In summary, the main difference between `.loc` and `.iloc` is the type of indexing used. `.loc` uses label-based indexing, while `.iloc` uses integer-based indexing. The choice between these two methods depends on whether you want to access data based on labels or integer positions.

## Q3. Reindex the given dataframe using a variable, reindex = [3,0,1,2] and store it in the variable, new_df then find the output for both new_df.loc[2] and new_df.iloc[2].

In [4]:
reindex = [3, 0, 1, 2]
new_df = df.reindex(reindex)

print(new_df.loc[2])
print(new_df.iloc[2])

course_name    Big Data
duration              6
Name: 2, dtype: object
course_name    Machine Learning
duration                      3
Name: 1, dtype: object


When you reindexed the DataFrame using the reindex variable [3, 0, 1, 2], the new DataFrame new_df will have its rows rearranged according to the specified index order

In [1]:
import pandas as pd
import numpy as np
columns = ['column_1', 'column_2', 'column_3', 'column_4', 'column_5', 'column_6']
indices = [1,2,3,4,5,6]
#Creating a dataframe:
df1 = pd.DataFrame(np.random.rand(6,6), columns = columns, index = indices)

## Q4. Write a code to find the following statistical measurements for the above dataframe df1: 
## (i) mean of each and every column present in the dataframe.
## (ii) standard deviation of column, ‘column_2’

In [2]:
# Mean of each column
column_means = df1.mean()
print("Mean of each column:")
print(column_means)

# Standard deviation of column_2
column_2_std = df1['column_2'].std()
print("\nStandard deviation of column_2:")
print(column_2_std)

Mean of each column:
column_1    0.562772
column_2    0.559832
column_3    0.601998
column_4    0.368296
column_5    0.502065
column_6    0.622037
dtype: float64

Standard deviation of column_2:
0.28767682550923784


## Q5. Replace the data present in the second row of column, ‘column_2’ by a string variable then find the mean of column, column_2.
If you are getting errors in executing it then explain why.
[Hint: To replace the data use df1.loc[] and equate this to string data of your choice.]

In [3]:
# Replace data in the second row of 'column_2'
df1.loc[2, 'column_2'] = 'string_data'

# Find the mean of 'column_2'
column_2_mean = df1['column_2'].mean()
print("Mean of column_2 after replacement:")
print(column_2_mean)


TypeError: unsupported operand type(s) for +: 'float' and 'str'

## Q6. What do you understand about the windows function in pandas and list the types of windows functions?

Ans: In pandas, window functions are used for performing calculations over a specified window or group of data points in a DataFrame.
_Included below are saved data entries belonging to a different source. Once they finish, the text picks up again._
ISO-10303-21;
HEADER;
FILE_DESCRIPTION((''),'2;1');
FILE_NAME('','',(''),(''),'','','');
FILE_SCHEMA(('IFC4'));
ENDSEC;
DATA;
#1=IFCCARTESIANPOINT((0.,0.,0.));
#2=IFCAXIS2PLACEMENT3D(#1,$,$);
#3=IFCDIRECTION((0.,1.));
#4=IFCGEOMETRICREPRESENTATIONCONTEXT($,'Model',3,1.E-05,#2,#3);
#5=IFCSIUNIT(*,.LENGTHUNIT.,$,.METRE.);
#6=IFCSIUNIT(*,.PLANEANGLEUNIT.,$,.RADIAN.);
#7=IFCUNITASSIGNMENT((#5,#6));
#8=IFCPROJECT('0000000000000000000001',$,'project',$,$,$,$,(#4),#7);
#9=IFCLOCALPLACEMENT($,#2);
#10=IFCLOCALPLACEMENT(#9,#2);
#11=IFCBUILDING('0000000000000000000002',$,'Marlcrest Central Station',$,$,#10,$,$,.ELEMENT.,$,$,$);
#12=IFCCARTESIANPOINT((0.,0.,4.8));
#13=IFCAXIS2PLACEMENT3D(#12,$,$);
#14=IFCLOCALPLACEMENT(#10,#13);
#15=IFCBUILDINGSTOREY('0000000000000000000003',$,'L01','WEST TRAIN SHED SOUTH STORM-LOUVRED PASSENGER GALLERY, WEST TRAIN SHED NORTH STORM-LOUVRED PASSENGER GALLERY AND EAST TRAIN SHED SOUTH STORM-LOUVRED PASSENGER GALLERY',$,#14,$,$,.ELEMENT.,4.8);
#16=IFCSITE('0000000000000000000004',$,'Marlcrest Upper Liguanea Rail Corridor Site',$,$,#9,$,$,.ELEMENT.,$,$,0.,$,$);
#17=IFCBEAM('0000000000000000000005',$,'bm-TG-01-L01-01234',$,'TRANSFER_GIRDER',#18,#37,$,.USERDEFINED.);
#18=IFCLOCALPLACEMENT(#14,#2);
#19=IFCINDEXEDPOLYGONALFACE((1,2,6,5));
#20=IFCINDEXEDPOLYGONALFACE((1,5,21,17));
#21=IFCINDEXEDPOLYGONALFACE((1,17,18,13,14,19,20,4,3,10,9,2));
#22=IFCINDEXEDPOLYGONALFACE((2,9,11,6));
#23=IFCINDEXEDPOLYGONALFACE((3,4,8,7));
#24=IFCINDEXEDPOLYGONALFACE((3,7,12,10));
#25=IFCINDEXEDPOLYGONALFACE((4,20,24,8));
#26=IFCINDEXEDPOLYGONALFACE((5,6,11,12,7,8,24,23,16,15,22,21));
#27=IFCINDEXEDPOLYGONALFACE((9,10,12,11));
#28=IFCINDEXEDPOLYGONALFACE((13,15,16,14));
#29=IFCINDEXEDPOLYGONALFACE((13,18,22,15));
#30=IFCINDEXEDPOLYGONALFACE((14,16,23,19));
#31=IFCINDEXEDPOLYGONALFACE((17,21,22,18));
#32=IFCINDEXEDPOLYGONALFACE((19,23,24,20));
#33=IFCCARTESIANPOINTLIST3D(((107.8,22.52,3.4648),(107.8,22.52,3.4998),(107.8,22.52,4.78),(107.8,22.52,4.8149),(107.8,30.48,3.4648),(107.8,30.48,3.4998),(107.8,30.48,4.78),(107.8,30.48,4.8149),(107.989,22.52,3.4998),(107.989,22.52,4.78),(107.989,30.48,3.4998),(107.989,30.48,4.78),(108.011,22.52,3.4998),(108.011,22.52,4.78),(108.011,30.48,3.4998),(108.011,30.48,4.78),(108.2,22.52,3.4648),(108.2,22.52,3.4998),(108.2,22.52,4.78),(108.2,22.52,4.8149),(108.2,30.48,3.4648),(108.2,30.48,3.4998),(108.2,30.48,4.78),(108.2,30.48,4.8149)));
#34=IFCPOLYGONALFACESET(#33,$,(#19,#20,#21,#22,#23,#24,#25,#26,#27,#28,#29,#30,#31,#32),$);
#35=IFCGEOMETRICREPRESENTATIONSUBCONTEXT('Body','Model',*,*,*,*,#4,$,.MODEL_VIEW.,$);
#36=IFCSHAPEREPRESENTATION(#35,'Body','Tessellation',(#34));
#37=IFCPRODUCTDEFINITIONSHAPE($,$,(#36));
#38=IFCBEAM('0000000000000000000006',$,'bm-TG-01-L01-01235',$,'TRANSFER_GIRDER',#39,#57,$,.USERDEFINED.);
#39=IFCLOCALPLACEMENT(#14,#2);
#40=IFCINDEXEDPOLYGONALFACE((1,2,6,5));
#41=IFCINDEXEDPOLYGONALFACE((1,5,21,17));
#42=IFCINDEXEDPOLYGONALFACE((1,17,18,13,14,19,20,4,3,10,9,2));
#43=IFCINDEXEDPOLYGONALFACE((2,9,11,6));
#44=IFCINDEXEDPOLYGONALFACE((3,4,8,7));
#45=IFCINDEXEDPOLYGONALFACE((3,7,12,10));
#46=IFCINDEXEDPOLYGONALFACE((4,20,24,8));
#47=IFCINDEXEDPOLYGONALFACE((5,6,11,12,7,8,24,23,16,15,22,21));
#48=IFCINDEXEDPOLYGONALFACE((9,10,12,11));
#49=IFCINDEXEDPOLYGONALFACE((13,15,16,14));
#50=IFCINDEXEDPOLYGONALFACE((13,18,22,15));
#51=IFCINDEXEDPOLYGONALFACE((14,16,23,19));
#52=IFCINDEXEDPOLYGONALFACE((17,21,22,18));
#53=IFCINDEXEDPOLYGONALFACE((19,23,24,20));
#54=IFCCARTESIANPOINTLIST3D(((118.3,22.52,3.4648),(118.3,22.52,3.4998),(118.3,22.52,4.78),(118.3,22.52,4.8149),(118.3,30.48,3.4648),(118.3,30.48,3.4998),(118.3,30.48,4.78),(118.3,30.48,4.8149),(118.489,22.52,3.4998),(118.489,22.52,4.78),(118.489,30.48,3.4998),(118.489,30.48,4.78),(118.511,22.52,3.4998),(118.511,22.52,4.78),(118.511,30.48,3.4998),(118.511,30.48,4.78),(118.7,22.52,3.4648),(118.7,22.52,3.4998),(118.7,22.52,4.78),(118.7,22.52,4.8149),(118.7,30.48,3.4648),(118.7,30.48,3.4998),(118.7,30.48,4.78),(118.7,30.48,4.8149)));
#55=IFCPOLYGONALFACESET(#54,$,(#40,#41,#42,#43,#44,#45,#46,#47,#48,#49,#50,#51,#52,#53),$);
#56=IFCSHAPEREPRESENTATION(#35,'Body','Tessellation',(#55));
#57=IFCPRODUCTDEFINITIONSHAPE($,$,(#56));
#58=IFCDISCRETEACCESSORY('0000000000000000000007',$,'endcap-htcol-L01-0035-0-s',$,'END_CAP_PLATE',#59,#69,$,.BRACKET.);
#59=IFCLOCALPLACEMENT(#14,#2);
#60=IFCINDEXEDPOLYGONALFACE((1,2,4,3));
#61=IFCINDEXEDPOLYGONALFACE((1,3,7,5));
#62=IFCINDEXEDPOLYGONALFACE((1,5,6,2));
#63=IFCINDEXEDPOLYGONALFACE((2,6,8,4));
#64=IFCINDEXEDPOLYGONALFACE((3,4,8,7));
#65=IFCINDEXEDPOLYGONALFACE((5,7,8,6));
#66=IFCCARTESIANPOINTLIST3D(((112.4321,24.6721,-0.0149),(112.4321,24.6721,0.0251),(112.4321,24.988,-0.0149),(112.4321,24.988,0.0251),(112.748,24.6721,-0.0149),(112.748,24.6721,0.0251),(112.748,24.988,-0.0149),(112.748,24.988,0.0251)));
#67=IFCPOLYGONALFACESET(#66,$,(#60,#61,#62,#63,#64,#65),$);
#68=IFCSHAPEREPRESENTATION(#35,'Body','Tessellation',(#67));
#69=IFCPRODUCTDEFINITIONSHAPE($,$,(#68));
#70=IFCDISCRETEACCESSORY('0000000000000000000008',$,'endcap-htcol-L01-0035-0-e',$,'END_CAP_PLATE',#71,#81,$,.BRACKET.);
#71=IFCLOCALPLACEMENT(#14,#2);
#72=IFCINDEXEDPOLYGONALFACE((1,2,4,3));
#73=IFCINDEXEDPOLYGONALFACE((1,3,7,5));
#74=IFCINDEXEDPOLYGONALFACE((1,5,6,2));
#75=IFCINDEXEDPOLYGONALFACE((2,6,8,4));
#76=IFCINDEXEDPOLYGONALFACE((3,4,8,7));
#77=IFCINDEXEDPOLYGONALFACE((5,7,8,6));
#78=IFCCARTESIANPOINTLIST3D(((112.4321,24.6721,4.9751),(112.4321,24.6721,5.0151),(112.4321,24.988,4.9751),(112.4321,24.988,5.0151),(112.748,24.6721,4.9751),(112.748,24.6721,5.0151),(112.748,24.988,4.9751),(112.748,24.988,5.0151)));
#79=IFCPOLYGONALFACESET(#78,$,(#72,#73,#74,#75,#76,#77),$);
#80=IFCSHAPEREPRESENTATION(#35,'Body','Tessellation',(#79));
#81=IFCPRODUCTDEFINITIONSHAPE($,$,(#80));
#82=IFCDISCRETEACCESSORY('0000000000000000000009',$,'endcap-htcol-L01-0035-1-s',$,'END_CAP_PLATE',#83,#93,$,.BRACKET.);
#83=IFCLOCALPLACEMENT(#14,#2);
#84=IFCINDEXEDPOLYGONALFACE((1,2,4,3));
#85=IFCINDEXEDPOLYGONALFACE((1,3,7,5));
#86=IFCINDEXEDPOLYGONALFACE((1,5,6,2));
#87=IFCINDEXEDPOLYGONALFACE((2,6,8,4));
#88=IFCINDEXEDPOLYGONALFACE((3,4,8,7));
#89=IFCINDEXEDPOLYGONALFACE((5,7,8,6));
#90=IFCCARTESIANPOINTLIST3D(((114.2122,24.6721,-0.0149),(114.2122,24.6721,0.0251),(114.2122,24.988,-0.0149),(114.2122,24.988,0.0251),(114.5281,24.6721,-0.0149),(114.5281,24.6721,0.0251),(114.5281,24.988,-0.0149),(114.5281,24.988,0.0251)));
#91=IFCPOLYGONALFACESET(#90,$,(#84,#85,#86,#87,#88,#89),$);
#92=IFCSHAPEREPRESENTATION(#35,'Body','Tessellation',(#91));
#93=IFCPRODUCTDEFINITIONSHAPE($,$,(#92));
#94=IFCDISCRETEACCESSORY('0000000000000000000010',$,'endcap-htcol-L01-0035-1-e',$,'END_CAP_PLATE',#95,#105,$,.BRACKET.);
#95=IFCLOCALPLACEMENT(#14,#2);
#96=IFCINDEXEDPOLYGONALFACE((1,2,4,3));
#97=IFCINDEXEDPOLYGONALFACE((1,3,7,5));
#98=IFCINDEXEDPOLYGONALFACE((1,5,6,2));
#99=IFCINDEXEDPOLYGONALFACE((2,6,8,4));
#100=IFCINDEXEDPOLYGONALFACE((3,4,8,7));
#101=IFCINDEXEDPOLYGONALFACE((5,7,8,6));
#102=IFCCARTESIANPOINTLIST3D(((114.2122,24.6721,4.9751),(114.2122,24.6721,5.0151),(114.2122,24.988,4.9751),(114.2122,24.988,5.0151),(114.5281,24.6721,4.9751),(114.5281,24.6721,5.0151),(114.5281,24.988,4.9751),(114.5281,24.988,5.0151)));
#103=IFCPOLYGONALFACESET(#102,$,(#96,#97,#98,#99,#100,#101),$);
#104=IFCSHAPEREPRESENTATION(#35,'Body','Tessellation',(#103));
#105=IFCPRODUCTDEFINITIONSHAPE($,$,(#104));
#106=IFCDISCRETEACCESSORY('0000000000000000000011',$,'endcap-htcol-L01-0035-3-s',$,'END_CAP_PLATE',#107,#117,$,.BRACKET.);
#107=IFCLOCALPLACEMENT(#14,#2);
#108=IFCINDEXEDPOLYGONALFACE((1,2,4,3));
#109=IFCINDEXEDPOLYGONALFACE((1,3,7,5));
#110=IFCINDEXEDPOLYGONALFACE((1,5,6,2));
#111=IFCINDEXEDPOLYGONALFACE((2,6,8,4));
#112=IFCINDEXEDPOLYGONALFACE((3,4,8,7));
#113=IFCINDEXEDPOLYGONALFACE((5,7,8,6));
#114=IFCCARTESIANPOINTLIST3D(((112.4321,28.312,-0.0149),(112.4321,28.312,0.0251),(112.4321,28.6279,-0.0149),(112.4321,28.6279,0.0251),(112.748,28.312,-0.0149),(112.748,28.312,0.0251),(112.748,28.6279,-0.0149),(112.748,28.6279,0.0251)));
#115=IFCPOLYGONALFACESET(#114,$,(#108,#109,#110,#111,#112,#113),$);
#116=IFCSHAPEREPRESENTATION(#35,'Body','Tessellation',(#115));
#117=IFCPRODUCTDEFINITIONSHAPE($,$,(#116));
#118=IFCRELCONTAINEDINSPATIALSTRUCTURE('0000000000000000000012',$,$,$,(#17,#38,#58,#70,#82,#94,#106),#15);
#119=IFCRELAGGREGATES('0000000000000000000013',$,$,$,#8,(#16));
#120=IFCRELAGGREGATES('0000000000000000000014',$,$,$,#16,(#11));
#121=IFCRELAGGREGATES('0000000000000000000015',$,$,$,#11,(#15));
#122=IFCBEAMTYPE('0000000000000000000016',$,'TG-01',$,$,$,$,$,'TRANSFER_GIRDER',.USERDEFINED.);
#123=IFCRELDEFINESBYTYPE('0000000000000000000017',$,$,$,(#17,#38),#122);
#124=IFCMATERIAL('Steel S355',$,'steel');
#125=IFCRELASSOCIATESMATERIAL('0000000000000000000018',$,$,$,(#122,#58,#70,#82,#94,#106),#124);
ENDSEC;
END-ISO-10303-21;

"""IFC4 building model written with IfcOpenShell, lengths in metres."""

from ifc_helpers import new_model, si_unit, direction, frame, origin, origin_2d, place, context, subcontext, project, spatial, rectangle, i_section, extrude, material, material_profile, profile_set, type_object, element, save


model = new_model("IFC4")

# Units and contexts
model_context = context("Model", 3, precision=1e-05, world=origin(), true_north=direction((0.0, 1.0)))
body_context = subcontext(model_context, "Body", "Model", "MODEL_VIEW")
ifc_project = project(units=[si_unit("LENGTHUNIT", "METRE"), si_unit("PLANEANGLEUNIT", "RADIAN")], contexts=[model_context])

# Site, building, storey
site_placement = place(None, origin())
site = spatial("IfcSite", under=ifc_project, at=site_placement, Name="Marlcrest Upper Liguanea Rail Corridor Site", CompositionType="ELEMENT", RefElevation=0.0)
building_placement = place(site_placement, origin())
building = spatial("IfcBuilding", under=site, at=building_placement, Name="Marlcrest Central Station", CompositionType="ELEMENT")
storey_placement = place(building_placement, frame((0.0, 0.0, 4.8)))
storey = spatial("IfcBuildingStorey", under=building, at=storey_placement, Name="L01", Description="WEST TRAIN SHED SOUTH STORM-LOUVRED PASSENGER GALLERY, WEST TRAIN SHED NORTH STORM-LOUVRED PASSENGER GALLERY AND EAST TRAIN SHED SOUTH STORM-LOUVRED PASSENGER GALLERY", CompositionType="ELEMENT", Elevation=4.8)

# Shared definitions
ifc_material_1 = material(Name="Steel S355", Category="steel")

# Beams
ifc_material_profile_1 = material_profile(ifc_material_1, i_section(OverallWidth=0.3999, OverallDepth=1.3501, WebThickness=0.022, FlangeThickness=0.0349, at=origin_2d()), Name="PG 1350x400")
ifc_profile_set_1 = profile_set([ifc_material_profile_1], Name="Steel S355")
beam_type_1 = type_object("IfcBeamType", Name="TG-01", ElementType="TRANSFER_GIRDER", PredefinedType="USERDEFINED", material=ifc_profile_set_1)
for number, where, z_axis, x_axis, name in (
    (1, (108.0, 22.52, 4.1399), (0.0, 1.0, 0.0), (-1.0, 0.0, 0.0), "bm-TG-01-L01-01234"),
    (2, (118.5, 22.52, 4.1399), (0.0, 1.0, 0.0), (-1.0, 0.0, 0.0), "bm-TG-01-L01-01235"),
):
    element("IfcBeam", number, at=place(storey_placement, frame(where, z_axis=z_axis, x_axis=x_axis)), inside=storey, type_object=beam_type_1, Name=name, ObjectType="TRANSFER_GIRDER", PredefinedType="USERDEFINED", context=body_context, shape_type="SweptSolid", body=[
        extrude(i_section(OverallWidth=0.3999, OverallDepth=1.3501, WebThickness=0.022, FlangeThickness=0.0349, at=origin_2d()), origin(), (0.0, 0.0, 1.0), 7.96),
    ])

# Discrete accessories
for number, where, z_axis, x_axis, name in (
    (3, (112.5901, 24.8301, -0.0149), (0.0, 0.0, 1.0), (1.0, 0.0, 0.0), "endcap-htcol-L01-0035-0-s"),
    (4, (112.5901, 24.8301, 4.9751), (0.0, 0.0, 1.0), (1.0, 0.0, 0.0), "endcap-htcol-L01-0035-0-e"),
    (5, (114.3701, 24.8301, -0.0149), (0.0, 0.0, 1.0), (1.0, 0.0, 0.0), "endcap-htcol-L01-0035-1-s"),
    (6, (114.3701, 24.8301, 4.9751), (0.0, 0.0, 1.0), (1.0, 0.0, 0.0), "endcap-htcol-L01-0035-1-e"),
    (7, (112.5901, 28.47, -0.0149), (0.0, 0.0, 1.0), (1.0, 0.0, 0.0), "endcap-htcol-L01-0035-3-s"),
):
These functions allow you to calculate statistics or apply transformations to a specific subset of data based on a defined window or group.

Pandas provides several types of window functions, which can be categorized into the following groups:

1. Aggregation Functions:
   - `rolling()` function: Calculates the rolling window aggregation, such as mean, sum, min, max, etc., over a specified window size.
   - `expanding()` function: Calculates the expanding window aggregation, which includes all data from the start to the current point.
   - `ewm()` function: Calculates the exponentially weighted moving average over a specified window.

2. Transformation Functions:
   - `shift()` function: Shifts the values of a series or DataFrame by a specified number of periods.
   - `diff()` function: Calculates the difference between consecutive values in a series or DataFrame.

3. Ranking Functions:
   - `rank()` function: Assigns ranks to the data points based on their values within a window.

4. Window-specific Functions:
   - `window()` function: Provides a flexible way to define custom window functions by specifying the window size and applying a function to the data within the window.

These window functions allow you to perform a wide range of operations on your data, such as calculating rolling averages, cumulative sums, lagged values, and more. They are particularly useful for time series analysis, data smoothing, and feature engineering tasks.

## Q7. Write a code to print only the current month and year at the time of answering this question.
[Hint: Use pandas.datetime function]

In [4]:
import pandas as pd

# Get the current date and time
current_datetime = pd.Timestamp.now()

# Extract the month and year from the current date
current_month = current_datetime.month
current_year = current_datetime.year

# Print the current month and year
print("Current month:", current_month)
print("Current year:", current_year)

Current month: 6
Current year: 2023


## Q8. Write a Python program that takes in two dates as input (in the format YYYY-MM-DD) and calculates the difference between them in days, hours, and minutes using Pandas time delta. The program should prompt the user to enter the dates and display the result.

In [5]:
import pandas as pd

# Prompt the user to enter the dates
date1 = input("Enter the first date (YYYY-MM-DD): ")
date2 = input("Enter the second date (YYYY-MM-DD): ")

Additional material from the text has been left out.